Officially, Lee wrote the books and Kirby drew them. Officially, Stan supplied the realism — his heroes had flaws, they argued among themselves, they were prone to colds and bouts of self-loathing, and sometimes they'd forget to pay the rent and face eviction from their futuristic high-rise HQs, which were in New York, not a made-up metropolis — while Kirby supplied the propulsion, filling the pages with visions of eternity and calamity, along with action sequences that basically invented the visual grammar of modern superhero comics. (...)
Over the years, Marvel changed hands, went bankrupt, reemerged, restructured. Stan stayed in the picture. Each time he renegotiated his deal with the company, he did so from a unique position — half elder god, half mascot. Administration after administration recognized that it was in their best interests PR-wise to keep him on the payroll. For years, he received 10 percent of all revenue generated by the exploitation of his characters on TV and in movies, along with a six-figure salary. This came out in 2002, when Lee sued Marvel, claiming they'd failed to pay him his percentage of the profits from the first Spider-Man movie, a development the Comics Journal compared to Colonel Sanders suing Kentucky Fried Chicken.
It's unclear if Stan still co-owns any of Marvel's characters, but the company continues to take care of him. When Disney (which, full disclosure, is also the parent company of ESPN, which owns the website you're now reading) bought Marvel for $4 billion in 2009, part of the deal involved a Disney subsidiary buying a small piece of POW! Entertainment, a content-farm company Stan co-founded; another Disney-affiliated company currently pays POW! $1.25 million a year to loan out Stan as a consultant "on the exploitation of the assets of Marvel Entertainment."
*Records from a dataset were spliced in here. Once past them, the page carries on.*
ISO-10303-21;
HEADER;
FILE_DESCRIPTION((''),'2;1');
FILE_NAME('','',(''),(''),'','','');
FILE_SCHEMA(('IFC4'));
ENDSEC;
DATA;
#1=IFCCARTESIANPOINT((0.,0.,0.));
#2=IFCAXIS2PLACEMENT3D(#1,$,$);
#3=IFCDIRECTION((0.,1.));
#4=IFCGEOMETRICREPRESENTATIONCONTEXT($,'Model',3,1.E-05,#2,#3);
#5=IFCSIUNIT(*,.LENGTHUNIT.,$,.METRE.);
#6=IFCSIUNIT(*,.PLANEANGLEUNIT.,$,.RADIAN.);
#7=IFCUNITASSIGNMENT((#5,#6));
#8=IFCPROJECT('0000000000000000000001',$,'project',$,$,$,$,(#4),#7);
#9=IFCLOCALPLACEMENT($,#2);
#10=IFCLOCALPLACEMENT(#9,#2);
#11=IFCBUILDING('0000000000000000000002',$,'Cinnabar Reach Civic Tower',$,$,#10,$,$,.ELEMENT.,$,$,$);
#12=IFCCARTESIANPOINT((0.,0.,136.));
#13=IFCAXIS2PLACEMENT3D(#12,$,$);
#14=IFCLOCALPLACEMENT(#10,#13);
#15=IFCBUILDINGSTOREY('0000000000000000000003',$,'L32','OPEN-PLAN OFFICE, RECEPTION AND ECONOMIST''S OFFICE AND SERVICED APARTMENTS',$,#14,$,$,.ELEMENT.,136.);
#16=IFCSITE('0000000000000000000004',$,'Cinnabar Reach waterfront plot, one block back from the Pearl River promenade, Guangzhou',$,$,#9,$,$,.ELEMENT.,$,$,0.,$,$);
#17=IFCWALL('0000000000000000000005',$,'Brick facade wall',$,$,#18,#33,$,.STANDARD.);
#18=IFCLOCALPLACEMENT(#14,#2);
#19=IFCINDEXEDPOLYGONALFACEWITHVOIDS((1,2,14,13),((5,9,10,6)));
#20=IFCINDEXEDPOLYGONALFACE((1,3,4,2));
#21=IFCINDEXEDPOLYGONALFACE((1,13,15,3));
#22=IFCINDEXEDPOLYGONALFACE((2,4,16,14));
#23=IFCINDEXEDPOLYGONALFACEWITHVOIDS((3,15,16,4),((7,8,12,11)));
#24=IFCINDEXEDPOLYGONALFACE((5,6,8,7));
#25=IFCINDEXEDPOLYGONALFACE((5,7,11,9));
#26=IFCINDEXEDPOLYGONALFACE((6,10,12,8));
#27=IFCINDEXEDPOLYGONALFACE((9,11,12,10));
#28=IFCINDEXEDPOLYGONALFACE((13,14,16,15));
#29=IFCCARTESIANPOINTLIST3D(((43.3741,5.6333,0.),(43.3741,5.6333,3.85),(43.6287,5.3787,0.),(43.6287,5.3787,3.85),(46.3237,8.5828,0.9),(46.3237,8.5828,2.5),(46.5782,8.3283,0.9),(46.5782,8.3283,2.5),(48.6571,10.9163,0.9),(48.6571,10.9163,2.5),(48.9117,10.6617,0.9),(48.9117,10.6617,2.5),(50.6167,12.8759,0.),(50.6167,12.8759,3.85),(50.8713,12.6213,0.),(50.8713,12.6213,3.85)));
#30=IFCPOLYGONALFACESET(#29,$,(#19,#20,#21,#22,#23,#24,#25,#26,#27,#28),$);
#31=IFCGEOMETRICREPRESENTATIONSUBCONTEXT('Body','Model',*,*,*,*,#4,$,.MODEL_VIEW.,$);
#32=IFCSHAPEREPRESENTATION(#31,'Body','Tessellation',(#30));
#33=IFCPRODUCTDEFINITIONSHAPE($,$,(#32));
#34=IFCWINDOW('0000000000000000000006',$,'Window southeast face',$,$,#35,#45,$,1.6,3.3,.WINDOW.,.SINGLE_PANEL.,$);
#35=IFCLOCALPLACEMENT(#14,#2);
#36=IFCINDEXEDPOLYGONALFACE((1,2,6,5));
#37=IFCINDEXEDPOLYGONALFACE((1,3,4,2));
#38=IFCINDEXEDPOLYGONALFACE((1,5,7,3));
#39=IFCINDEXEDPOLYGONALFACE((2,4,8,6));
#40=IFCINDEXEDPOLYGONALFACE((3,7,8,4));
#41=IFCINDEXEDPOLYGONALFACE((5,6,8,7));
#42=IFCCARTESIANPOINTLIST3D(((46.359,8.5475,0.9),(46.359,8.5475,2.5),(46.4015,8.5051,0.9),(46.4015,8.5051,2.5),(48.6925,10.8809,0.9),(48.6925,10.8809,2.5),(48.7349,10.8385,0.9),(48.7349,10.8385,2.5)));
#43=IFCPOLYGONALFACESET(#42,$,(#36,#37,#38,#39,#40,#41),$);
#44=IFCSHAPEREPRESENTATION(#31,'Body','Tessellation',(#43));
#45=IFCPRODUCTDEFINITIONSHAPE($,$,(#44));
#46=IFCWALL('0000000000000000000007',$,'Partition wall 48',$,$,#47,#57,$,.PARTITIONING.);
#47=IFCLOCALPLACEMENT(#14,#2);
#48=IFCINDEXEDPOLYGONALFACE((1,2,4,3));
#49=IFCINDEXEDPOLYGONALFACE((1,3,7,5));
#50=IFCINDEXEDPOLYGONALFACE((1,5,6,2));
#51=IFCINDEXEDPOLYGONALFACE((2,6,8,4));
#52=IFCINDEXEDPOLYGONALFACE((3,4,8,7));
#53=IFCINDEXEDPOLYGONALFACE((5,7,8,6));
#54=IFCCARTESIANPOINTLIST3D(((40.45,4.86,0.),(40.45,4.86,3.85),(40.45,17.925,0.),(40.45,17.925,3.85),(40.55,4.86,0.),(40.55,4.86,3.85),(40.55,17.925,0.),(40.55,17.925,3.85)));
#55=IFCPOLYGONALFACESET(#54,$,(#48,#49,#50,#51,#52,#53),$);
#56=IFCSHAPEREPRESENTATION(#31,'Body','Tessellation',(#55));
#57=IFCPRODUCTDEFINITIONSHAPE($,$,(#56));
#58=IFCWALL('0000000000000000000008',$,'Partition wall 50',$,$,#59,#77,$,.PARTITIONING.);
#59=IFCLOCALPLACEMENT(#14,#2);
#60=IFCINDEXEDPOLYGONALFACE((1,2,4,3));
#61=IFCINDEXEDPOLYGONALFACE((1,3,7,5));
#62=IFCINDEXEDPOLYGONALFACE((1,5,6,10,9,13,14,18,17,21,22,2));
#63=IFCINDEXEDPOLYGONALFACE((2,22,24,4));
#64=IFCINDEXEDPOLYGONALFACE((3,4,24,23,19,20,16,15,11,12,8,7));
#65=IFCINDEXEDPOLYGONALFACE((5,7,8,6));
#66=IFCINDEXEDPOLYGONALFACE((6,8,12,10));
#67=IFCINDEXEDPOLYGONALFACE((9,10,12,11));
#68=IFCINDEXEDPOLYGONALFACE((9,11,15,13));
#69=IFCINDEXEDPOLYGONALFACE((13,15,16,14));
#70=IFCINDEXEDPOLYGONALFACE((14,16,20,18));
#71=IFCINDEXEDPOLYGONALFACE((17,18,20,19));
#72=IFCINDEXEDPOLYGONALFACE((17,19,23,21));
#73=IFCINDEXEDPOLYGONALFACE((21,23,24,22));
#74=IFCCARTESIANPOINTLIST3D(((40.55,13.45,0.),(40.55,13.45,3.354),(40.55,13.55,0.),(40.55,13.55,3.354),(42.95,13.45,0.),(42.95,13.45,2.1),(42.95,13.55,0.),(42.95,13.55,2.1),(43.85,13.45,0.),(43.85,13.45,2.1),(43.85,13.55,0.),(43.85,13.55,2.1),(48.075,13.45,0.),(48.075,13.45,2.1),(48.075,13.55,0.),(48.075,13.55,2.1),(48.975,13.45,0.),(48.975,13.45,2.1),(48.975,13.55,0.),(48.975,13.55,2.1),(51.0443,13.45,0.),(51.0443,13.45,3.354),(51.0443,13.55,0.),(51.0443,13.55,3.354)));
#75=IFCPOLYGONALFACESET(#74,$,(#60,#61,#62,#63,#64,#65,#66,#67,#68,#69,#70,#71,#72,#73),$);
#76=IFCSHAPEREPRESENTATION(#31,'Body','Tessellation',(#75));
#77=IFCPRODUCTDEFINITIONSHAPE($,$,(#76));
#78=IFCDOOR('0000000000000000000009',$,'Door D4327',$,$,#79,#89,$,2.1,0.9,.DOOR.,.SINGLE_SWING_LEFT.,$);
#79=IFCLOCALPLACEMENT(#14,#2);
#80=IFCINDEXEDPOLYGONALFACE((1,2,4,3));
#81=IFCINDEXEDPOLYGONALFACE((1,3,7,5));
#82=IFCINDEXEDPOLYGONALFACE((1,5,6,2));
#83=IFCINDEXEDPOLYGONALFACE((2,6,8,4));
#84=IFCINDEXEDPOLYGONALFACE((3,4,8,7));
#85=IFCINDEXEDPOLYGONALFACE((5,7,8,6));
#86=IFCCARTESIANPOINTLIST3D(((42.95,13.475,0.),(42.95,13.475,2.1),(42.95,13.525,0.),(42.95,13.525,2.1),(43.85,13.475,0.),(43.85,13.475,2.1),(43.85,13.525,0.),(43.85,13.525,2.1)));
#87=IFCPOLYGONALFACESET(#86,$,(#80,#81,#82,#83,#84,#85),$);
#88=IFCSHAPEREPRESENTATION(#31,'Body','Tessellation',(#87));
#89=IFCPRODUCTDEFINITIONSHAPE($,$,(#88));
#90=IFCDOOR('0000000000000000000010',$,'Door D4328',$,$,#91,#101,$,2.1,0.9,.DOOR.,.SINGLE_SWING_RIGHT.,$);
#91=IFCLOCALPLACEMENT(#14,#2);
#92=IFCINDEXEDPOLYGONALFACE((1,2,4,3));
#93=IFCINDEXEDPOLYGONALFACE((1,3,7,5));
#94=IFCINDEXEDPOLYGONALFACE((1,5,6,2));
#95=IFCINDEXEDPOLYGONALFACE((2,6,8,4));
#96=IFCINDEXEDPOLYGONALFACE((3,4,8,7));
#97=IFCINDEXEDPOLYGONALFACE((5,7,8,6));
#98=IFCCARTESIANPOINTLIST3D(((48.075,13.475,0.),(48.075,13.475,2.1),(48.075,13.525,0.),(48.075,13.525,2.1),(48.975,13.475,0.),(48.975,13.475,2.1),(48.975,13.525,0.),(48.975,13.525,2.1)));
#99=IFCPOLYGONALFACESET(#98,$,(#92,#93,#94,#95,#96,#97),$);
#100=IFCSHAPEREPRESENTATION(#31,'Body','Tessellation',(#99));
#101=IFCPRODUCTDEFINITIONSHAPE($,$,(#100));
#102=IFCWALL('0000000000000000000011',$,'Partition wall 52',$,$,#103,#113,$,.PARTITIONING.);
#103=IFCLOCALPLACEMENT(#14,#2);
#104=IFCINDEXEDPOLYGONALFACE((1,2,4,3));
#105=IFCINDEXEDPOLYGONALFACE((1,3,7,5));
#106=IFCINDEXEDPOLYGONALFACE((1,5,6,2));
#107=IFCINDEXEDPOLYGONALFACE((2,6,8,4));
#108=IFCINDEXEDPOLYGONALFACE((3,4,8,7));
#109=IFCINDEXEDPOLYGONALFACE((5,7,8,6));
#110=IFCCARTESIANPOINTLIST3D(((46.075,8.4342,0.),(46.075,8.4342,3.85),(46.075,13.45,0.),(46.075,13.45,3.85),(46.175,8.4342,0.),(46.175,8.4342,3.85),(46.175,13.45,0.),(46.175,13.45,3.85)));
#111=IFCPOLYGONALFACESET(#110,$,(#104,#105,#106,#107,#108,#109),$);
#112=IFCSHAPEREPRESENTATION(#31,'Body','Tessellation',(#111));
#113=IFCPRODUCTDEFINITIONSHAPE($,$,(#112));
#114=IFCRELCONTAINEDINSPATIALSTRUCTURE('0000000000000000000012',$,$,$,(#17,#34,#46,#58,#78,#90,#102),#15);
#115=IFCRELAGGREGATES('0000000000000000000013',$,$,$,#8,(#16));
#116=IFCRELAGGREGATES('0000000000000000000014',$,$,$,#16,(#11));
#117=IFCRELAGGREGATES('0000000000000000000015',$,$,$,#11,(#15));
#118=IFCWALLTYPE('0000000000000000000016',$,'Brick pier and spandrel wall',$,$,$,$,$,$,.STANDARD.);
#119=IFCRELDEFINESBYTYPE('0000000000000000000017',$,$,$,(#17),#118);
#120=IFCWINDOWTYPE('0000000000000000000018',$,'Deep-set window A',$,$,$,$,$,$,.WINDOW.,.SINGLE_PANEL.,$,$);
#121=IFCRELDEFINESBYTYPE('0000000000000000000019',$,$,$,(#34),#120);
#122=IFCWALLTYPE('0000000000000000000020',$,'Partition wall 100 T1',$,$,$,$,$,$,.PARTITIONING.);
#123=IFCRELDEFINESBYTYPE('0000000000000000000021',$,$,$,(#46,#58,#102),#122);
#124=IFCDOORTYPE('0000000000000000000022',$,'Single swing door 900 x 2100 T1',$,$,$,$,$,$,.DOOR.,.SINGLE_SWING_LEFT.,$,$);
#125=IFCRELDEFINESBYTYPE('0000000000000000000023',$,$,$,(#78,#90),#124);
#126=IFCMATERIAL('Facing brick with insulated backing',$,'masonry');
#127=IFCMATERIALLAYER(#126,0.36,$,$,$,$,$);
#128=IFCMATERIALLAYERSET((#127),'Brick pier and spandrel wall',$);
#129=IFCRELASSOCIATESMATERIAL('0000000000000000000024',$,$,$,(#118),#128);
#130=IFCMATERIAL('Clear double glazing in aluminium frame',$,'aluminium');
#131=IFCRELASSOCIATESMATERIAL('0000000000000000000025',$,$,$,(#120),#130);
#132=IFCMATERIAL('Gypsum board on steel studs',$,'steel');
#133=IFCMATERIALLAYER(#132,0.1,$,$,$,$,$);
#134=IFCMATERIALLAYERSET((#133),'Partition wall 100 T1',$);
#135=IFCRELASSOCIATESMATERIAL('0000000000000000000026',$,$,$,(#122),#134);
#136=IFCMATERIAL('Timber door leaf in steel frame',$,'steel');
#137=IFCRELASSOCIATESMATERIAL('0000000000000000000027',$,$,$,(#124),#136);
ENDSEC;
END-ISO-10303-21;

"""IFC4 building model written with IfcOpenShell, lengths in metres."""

from ifc_helpers import new_model, si_unit, direction, frame, frame_2d, origin, place, context, subcontext, project, spatial, rectangle, extrude, material, layer, layer_set, type_object, element, fill, save


model = new_model("IFC4")

# Units and contexts
model_context = context("Model", 3, precision=1e-05, world=origin(), true_north=direction((0.0, 1.0)))
body_context = subcontext(model_context, "Body", "Model", "MODEL_VIEW")
ifc_project = project(units=[si_unit("LENGTHUNIT", "METRE"), si_unit("PLANEANGLEUNIT", "RADIAN")], contexts=[model_context])

# Site, building, storey
site_placement = place(None, origin())
site = spatial("IfcSite", under=ifc_project, at=site_placement, Name="Cinnabar Reach waterfront plot, one block back from the Pearl River promenade, Guangzhou", CompositionType="ELEMENT", RefElevation=0.0)
building_placement = place(site_placement, origin())
building = spatial("IfcBuilding", under=site, at=building_placement, Name="Cinnabar Reach Civic Tower", CompositionType="ELEMENT")
storey_placement = place(building_placement, frame((0.0, 0.0, 136.0)))
storey = spatial("IfcBuildingStorey", under=building, at=storey_placement, Name="L32", Description="OPEN-PLAN OFFICE, RECEPTION AND ECONOMIST'S OFFICE AND SERVICED APARTMENTS", CompositionType="ELEMENT", Elevation=136.0)

# Shared definitions
ifc_material_1 = material(Name="Facing brick with insulated backing", Category="masonry")

# Wall, opening, window
ifc_layer_1 = layer(ifc_material_1, 0.36)
ifc_layer_set_1 = layer_set([ifc_layer_1], Name="Brick pier and spandrel wall")
wall_type_1 = type_object("IfcWallType", Name="Brick pier and spandrel wall", PredefinedType="STANDARD", material=ifc_layer_set_1)
wall_1_placement = place(storey_placement, frame((43.5014, 5.506, 0.0), z_axis=(0.0, 0.0, 1.0), x_axis=(0.707107, 0.707107, 0.0)))
wall_1 = element("IfcWall", 1, at=wall_1_placement, inside=storey, type_object=wall_type_1, Name="Brick facade wall", PredefinedType="STANDARD", context=body_context, shape_type="SweptSolid", body=[
    extrude(rectangle(XDim=10.2426, YDim=0.36, at=frame_2d((5.1213, 0.0))), origin(), (0.0, 0.0, 1.0), 3.85),
])
opening_1_placement = place(wall_1_placement, frame((4.1713, 0.0, 0.9)))
opening_1 = element("IfcOpeningElement", 2, at=opening_1_placement, cuts=wall_1, PredefinedType="OPENING", context=body_context, shape_type="SweptSolid", body=[
    extrude(rectangle(XDim=3.3, YDim=1.6, at=frame_2d((1.65, 0.8))), frame((0.0, 0.19, 0.0), z_axis=(0.0, -1.0, 0.0), x_axis=(1.0, 0.0, 0.0)), (0.0, 0.0, 1.0), 0.38),
])
ifc_material_2 = material(Name="Clear double glazing in aluminium frame", Category="aluminium")
window_type = type_object("IfcWindowType", Name="Deep-set window A", PartitioningType="SINGLE_PANEL", PredefinedType="WINDOW", material=ifc_material_2)
window_placement = place(opening_1_placement, origin())
window = element("IfcWindow", 3, at=window_placement, inside=storey, type_object=window_type, Name="Window southeast face", OverallHeight=1.6, OverallWidth=3.3, PartitioningType="SINGLE_PANEL", PredefinedType="WINDOW", context=body_context, shape_type="SweptSolid", body=[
Jack Kirby, on the other hand, was a contractor. You could sink a continent in the amount of ink that's been spilled on the question of whether it was Stan's voice or Jack's visuals that ultimately made Marvel what it was, but it's hard to argue that any of this would have happened had Kirby been hit by a bus in 1960. Yet like most comics creators back then, he was paid by the page and retained no rights to any of the work he did for the company or the characters he helped create; by cashing his paychecks, he signed those rights over to the company. It took him decades just to persuade Marvel to give him back some of his original art, much of which was lost or given away or stolen in the meantime; there are horror stories about original Kirby pages being gifted to the water-delivery guy.
Kirby never sued Marvel, over the art or anything else. But as the years wore on he blasted the company in interviews. He blasted Lee, its avatar. Compared him to Sammy Glick. Referred to him as a mere "office worker" who'd grabbed credit from true idea men. "It wasn't possible for a man like Stan Lee to come up with new things — or old things, for that matter," Kirby told the Comics Journal in an infamous 1990 interview. "Stan Lee wasn't a guy that read or that told stories. Stan Lee was a guy that knew where the papers were or who was coming to visit that day."
And all this happened back when the comics industry only manufactured and sold comic books. Back when even the medium's most vocal champions wouldn't have dreamed of Marvel (which filed for Chapter 11 bankruptcy in 1996) being worth $4 billion to anybody.